Aucun pays sur près de 200 évalués n’est en voie d’atteindre l’objectif des Nations unies (ONU) d’éliminer la tuberculose en 2030, d’après une étude sur la santé mondiale publiée mercredi 13 septembre. La parution de l’étude, financée par la fondation Bill & Melinda Gates, coïncide avec la tenue de la 72e session de l’assemblée générale des Nations Unis à New York.

Moins de 5 % des pays attendraient à cette date les objectifs de réduction des suicides, des morts sur la route et d’obésité des enfants et seulement 7 % pourraient éliminer les nouvelles infections par le virus du sida (VIH), d’après cette analyse parue dans la revue The Lancet. En revanche, plus de 60 % des pays évalués pourraient atteindre les objectifs de réduction de la mortalité infantile, néonatale et maternelle et d’élimination du paludisme.

Dans l’ensemble, seulement 20 % des 37 objectifs de santé fixés dans le cadre des objectifs de développement durable de l’ONU (ODD/SDG), adoptés en 2015, sont susceptibles d’être satisfaits, selon les auteurs.

Singapour, l’Islande et la Suède, les plus proches de l’objectif

Ils relèvent une « inégalité considérable » des projections pour 2030 : les pays à revenus élevés atteindraient 38 % des buts, et ceux à faibles revenus 3 %. Sur la base des tendances enregistrées, le Kazakhstan, le Timor Oriental, l’Angola, le Nigeria et le Swaziland devraient avoir les plus grandes améliorations globales, souligne l’équipe dans un communiqué en évoquant une réduction de la mortalité infantile, un meilleur accès aux soins, à la planification familiale et à la présence de personnel qualifié à l’accouchement.

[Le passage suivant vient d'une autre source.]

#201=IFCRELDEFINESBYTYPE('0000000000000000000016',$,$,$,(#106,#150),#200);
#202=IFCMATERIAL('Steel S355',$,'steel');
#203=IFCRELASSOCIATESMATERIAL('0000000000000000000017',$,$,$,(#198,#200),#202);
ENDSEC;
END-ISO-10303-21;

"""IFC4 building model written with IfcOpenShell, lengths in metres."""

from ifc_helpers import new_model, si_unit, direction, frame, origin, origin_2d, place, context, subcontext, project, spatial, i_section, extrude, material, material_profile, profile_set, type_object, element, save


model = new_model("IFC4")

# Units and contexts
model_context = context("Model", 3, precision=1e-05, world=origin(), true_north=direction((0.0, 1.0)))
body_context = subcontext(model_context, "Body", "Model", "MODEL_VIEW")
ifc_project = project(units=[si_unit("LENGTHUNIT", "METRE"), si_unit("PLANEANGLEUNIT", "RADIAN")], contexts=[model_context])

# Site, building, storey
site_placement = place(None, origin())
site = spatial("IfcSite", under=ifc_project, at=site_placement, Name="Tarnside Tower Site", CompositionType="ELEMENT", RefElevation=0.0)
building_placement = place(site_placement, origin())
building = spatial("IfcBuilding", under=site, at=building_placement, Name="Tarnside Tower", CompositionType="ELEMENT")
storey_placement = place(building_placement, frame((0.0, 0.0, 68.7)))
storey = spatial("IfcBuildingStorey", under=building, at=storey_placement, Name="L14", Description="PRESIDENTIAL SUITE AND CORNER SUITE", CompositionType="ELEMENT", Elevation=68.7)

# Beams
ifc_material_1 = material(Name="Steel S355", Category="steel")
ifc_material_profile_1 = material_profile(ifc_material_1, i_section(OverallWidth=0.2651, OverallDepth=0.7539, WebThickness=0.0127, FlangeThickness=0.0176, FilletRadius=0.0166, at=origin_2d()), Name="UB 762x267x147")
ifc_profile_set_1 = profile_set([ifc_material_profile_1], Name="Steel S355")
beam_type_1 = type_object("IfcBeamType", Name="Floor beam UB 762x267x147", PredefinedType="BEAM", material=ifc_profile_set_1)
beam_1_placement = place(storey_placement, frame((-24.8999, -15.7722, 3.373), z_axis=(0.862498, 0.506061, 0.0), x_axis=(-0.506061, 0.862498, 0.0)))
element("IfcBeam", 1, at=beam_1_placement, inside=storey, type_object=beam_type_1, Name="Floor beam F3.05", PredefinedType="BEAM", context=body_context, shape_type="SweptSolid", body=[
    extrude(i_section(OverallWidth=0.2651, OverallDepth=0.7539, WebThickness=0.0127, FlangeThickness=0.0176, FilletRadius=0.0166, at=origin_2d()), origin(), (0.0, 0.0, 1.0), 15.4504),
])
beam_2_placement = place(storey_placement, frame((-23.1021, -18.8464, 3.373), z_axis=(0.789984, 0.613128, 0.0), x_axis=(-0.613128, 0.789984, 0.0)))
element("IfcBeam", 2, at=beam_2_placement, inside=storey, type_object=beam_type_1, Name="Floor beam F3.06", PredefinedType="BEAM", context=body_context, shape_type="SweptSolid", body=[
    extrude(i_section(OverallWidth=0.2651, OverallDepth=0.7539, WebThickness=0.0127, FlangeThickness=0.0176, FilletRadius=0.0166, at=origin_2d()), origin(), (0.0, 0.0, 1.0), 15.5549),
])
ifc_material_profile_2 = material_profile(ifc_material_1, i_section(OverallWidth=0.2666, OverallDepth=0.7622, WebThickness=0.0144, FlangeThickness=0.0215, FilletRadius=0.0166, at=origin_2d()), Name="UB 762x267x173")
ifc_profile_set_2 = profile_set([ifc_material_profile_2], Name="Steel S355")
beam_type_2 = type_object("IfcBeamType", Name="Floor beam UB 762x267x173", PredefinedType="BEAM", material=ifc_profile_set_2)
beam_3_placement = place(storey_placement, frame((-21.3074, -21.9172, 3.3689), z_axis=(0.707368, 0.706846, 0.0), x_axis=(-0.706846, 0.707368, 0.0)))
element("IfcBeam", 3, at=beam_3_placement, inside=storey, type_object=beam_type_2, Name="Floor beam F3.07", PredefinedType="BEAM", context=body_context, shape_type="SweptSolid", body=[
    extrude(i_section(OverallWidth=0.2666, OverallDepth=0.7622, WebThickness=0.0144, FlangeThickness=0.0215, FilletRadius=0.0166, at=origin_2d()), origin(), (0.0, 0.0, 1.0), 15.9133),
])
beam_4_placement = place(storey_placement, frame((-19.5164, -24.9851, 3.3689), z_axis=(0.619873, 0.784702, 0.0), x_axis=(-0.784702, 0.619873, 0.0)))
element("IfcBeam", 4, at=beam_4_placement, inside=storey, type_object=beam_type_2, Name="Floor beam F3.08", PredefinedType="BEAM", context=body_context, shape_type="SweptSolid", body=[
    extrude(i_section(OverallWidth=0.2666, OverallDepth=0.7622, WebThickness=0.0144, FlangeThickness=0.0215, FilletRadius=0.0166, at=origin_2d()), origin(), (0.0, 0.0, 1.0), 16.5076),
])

Des pays devraient perdre du terrain – compte tenu des tendances à l’obésité des enfants et de l’abus – comme le Sri Lanka, le Venezuela, la Serbie et l’Ukraine.

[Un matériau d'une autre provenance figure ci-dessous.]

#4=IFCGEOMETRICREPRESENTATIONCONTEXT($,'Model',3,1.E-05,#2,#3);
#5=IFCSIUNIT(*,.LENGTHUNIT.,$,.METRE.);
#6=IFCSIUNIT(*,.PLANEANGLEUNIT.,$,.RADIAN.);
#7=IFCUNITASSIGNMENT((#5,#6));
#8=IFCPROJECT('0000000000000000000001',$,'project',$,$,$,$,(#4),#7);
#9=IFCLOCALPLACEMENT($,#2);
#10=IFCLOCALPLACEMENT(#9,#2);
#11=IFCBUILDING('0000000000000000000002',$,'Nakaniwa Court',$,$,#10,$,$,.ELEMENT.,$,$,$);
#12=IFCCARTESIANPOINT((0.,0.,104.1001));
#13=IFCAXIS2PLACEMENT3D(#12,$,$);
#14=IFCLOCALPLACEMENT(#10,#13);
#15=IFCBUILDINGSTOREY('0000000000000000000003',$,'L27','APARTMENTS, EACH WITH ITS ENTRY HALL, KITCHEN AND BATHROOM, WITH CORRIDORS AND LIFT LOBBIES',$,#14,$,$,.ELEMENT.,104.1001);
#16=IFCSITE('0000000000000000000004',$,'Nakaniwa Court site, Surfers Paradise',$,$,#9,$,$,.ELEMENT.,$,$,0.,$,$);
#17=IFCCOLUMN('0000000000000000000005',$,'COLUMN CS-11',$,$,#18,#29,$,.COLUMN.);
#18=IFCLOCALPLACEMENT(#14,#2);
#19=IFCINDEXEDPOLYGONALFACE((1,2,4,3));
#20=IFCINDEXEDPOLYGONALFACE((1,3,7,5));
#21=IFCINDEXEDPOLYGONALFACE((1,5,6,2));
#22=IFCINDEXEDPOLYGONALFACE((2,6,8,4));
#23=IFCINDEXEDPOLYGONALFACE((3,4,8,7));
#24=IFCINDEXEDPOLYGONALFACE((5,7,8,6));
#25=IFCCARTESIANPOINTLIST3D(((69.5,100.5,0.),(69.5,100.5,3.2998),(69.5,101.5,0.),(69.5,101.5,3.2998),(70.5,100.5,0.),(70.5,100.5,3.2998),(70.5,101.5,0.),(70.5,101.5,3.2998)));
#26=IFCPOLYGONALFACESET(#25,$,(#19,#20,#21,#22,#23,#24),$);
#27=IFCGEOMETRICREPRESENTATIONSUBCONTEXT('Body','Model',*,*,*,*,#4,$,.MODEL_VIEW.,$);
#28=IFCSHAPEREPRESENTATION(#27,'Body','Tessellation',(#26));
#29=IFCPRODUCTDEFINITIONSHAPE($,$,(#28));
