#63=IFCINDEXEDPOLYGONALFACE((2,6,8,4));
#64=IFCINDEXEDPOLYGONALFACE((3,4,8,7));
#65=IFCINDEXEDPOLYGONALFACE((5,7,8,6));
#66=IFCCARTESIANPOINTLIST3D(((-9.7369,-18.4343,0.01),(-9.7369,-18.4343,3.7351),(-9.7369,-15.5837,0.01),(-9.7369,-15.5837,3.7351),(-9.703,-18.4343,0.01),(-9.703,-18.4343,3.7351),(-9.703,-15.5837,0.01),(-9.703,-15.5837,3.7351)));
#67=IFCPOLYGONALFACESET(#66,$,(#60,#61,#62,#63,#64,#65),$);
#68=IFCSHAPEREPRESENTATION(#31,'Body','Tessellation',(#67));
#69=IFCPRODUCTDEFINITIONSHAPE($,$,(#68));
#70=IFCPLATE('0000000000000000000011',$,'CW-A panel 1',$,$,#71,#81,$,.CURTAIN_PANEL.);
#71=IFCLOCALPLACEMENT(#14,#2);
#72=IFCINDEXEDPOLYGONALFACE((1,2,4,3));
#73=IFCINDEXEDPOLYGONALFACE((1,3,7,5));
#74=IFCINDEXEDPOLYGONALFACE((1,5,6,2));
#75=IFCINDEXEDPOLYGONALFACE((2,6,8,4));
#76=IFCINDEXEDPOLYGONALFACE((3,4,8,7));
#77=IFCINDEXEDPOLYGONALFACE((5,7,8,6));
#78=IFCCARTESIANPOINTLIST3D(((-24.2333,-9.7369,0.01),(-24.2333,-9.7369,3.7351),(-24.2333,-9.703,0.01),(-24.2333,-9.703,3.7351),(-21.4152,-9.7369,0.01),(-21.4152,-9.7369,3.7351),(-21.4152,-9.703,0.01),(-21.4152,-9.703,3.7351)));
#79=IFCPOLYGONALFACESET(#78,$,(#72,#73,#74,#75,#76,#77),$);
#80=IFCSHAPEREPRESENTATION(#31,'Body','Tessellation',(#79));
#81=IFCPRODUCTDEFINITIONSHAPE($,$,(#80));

L’équipe dresse également un classement des pays sur la base d’un indice global de réalisation des objectifs liés à la santé. Singapour, l’Islande et la Suède apparaissent ainsi les plus performants, tandis que la Somalie, la Centrafrique et l’Afghanistan arrivent derniers du classement.

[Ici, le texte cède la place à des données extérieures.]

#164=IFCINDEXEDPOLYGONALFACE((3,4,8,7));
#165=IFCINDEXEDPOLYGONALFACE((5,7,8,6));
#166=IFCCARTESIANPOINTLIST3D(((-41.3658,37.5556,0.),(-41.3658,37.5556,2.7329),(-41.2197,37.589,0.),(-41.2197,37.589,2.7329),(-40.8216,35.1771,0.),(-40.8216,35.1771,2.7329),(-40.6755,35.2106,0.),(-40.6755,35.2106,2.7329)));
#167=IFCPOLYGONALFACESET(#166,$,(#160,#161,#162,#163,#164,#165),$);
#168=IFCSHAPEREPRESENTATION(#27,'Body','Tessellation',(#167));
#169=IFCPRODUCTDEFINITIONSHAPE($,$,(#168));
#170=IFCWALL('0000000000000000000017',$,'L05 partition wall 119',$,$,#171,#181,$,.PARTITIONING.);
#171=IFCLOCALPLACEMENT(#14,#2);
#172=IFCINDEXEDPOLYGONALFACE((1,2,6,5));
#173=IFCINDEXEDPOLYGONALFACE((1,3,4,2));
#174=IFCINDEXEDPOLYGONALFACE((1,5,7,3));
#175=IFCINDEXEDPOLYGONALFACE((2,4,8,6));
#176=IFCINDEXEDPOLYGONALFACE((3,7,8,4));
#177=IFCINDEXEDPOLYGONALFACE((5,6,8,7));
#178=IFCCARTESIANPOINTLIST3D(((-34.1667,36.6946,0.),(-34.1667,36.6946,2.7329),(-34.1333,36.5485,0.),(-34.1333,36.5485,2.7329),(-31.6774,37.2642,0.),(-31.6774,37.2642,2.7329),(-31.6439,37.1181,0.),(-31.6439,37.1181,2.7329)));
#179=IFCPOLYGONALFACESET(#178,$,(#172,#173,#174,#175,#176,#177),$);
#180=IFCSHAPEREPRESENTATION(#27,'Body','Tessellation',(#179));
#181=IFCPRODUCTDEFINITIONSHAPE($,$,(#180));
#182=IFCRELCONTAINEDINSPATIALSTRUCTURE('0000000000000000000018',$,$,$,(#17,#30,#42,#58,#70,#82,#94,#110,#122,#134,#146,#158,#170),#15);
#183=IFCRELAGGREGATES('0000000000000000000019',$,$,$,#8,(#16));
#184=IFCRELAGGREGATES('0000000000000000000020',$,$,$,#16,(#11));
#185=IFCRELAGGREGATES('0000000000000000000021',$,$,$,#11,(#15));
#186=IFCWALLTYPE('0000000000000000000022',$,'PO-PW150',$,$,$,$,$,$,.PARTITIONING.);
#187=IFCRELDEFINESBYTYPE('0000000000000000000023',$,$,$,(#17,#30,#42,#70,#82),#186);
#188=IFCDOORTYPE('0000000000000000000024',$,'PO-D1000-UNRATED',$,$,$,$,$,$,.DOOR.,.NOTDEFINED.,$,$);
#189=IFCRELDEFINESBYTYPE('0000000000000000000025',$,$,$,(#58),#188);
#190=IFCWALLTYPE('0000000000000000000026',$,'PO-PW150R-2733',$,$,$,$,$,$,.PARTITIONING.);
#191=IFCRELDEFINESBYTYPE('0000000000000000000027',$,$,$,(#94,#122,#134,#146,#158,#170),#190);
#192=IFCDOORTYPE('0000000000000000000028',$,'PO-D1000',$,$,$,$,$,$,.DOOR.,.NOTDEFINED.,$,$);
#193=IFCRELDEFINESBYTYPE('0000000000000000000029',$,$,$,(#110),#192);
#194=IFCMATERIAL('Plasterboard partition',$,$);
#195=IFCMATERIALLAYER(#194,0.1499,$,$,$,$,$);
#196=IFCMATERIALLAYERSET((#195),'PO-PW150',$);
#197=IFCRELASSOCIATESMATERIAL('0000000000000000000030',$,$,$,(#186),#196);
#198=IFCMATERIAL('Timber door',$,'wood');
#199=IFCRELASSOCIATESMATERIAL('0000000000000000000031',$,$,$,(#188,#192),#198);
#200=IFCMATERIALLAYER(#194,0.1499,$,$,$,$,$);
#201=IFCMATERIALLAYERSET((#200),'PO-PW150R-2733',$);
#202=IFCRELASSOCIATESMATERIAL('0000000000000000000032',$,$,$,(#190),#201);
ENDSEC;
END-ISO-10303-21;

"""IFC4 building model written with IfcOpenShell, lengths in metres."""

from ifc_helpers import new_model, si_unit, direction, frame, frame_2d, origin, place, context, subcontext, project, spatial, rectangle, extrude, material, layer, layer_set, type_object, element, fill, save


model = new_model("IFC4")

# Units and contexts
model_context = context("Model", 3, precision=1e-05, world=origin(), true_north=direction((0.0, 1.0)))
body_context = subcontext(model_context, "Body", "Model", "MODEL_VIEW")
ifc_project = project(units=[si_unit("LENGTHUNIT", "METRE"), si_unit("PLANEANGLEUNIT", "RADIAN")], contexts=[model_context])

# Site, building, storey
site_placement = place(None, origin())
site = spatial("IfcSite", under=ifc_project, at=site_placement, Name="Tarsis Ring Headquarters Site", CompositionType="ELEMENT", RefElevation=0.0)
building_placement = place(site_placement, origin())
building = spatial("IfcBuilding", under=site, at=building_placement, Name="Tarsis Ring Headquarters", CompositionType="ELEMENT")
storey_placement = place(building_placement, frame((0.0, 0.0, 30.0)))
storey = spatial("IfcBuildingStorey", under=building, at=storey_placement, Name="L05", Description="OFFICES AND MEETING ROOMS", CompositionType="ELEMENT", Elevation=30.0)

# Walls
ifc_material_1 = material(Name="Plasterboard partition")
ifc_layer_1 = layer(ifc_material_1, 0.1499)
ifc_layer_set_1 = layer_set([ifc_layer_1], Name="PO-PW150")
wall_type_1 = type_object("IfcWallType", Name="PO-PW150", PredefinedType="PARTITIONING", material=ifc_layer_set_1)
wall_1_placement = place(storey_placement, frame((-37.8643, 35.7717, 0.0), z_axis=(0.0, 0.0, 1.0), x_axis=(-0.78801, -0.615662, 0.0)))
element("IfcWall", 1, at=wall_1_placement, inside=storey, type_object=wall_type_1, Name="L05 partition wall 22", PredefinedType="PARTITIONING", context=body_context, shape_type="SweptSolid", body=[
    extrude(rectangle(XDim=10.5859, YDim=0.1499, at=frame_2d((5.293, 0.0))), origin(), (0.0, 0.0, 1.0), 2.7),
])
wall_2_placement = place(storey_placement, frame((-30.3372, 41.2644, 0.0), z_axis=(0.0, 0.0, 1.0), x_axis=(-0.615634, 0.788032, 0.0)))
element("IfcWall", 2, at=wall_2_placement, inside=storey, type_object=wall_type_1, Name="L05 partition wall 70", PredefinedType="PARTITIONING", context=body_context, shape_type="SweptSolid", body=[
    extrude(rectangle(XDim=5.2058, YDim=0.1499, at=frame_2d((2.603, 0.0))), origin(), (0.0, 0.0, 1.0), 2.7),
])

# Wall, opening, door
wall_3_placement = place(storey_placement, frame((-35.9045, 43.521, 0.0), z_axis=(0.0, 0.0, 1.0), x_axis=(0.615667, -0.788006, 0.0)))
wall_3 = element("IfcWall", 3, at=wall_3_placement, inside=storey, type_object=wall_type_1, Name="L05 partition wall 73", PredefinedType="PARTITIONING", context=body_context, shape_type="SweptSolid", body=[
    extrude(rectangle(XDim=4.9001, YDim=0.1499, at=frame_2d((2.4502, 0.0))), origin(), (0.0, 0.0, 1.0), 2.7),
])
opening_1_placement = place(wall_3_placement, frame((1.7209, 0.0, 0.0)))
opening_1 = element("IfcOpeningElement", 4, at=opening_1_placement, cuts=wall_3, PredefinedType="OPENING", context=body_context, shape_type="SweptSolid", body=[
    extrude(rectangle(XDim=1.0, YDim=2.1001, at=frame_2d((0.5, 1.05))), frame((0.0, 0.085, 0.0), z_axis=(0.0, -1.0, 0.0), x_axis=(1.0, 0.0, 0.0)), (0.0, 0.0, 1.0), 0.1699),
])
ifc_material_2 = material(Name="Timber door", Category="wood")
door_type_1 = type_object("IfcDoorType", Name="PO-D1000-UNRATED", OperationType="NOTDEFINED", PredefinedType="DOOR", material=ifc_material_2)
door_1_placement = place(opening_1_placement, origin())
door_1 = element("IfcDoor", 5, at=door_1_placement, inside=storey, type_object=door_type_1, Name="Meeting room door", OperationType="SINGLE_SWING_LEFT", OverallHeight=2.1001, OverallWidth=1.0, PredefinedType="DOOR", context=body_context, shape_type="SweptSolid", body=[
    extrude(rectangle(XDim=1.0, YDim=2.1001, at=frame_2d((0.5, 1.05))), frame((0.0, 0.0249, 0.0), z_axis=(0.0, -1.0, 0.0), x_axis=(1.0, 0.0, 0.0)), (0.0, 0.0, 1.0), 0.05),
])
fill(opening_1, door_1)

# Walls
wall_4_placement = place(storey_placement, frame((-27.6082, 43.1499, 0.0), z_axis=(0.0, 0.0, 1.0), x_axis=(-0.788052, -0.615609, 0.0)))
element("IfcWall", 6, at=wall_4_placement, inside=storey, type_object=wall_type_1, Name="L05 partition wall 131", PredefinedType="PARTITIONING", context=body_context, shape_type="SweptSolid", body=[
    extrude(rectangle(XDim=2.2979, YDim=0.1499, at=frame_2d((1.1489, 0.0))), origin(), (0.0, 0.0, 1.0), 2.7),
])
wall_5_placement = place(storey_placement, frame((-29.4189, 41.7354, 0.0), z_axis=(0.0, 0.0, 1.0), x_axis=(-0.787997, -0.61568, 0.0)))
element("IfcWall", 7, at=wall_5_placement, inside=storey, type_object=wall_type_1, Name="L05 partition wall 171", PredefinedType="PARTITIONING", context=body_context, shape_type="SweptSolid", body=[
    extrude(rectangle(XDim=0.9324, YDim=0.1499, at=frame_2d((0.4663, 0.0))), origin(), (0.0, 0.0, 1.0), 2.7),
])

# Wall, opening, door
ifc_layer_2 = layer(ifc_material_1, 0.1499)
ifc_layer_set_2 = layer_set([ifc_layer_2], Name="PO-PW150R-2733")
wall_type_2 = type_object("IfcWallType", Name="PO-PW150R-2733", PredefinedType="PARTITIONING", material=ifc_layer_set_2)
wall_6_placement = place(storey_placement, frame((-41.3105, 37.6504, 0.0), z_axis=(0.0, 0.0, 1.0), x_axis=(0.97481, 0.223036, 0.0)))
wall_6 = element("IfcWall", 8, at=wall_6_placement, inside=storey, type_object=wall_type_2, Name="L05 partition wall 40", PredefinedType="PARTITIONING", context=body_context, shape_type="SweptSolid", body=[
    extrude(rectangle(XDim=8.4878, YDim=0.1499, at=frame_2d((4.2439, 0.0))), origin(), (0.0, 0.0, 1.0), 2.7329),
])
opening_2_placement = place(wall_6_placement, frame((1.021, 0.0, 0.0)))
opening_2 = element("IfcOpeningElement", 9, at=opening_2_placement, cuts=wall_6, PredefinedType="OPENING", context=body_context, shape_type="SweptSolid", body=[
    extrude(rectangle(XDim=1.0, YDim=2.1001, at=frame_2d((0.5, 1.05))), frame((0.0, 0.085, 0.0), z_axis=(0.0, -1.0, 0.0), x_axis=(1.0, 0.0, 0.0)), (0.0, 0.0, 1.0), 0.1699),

Les Etats-Unis sont au 24e rang, derrière l’Espagne (23e), vu leurs performances médiocres en matière de suicide, d’agressions sexuelles d’enfants, d’abus d’alcool et d’homicides. Les États-Unis rejoignent le Lesotho et la Centrafrique parmi les pays montrant une « amélioration minime » pour la couverture de santé universelle. Alors que d’autres comme la Chine, le Cambodge, la Turquie ou le Rwanda ont enregistré les meilleures améliorations dans les soins de santé universels entre 2000 et 2016. La France est 26e, alcool, tabagisme et suicides la tirant vers le bas.

La lutte contre la pollution de l’air prise en compte dans l’équation

Les efforts de la Chine, du Cambodge pour l’amélioration de la vie de leurs citoyens « méritent d’être reconnus » relève le Dr Christopher Murray, directeur de l’IHME, un institut de recherche de l’Université de Washington à Seattle (Etats-Unis) citant « des améliorations impressionnantes » concernant « la mortalité infantile, néonatale et maternelle, la couverture vaccinale », et la lutte contre le paludisme.

Mais vu ses performances insuffisantes contre la pollution de l’air, les accidents de la route et le tabagisme notamment, la Chine est classée 74e. L’Inde se trouve au 127e rang, pénalisée par des performances médiocres en matière de pollution de l’air, d’assainissement, d’hépatite B et de malnutrition infantile.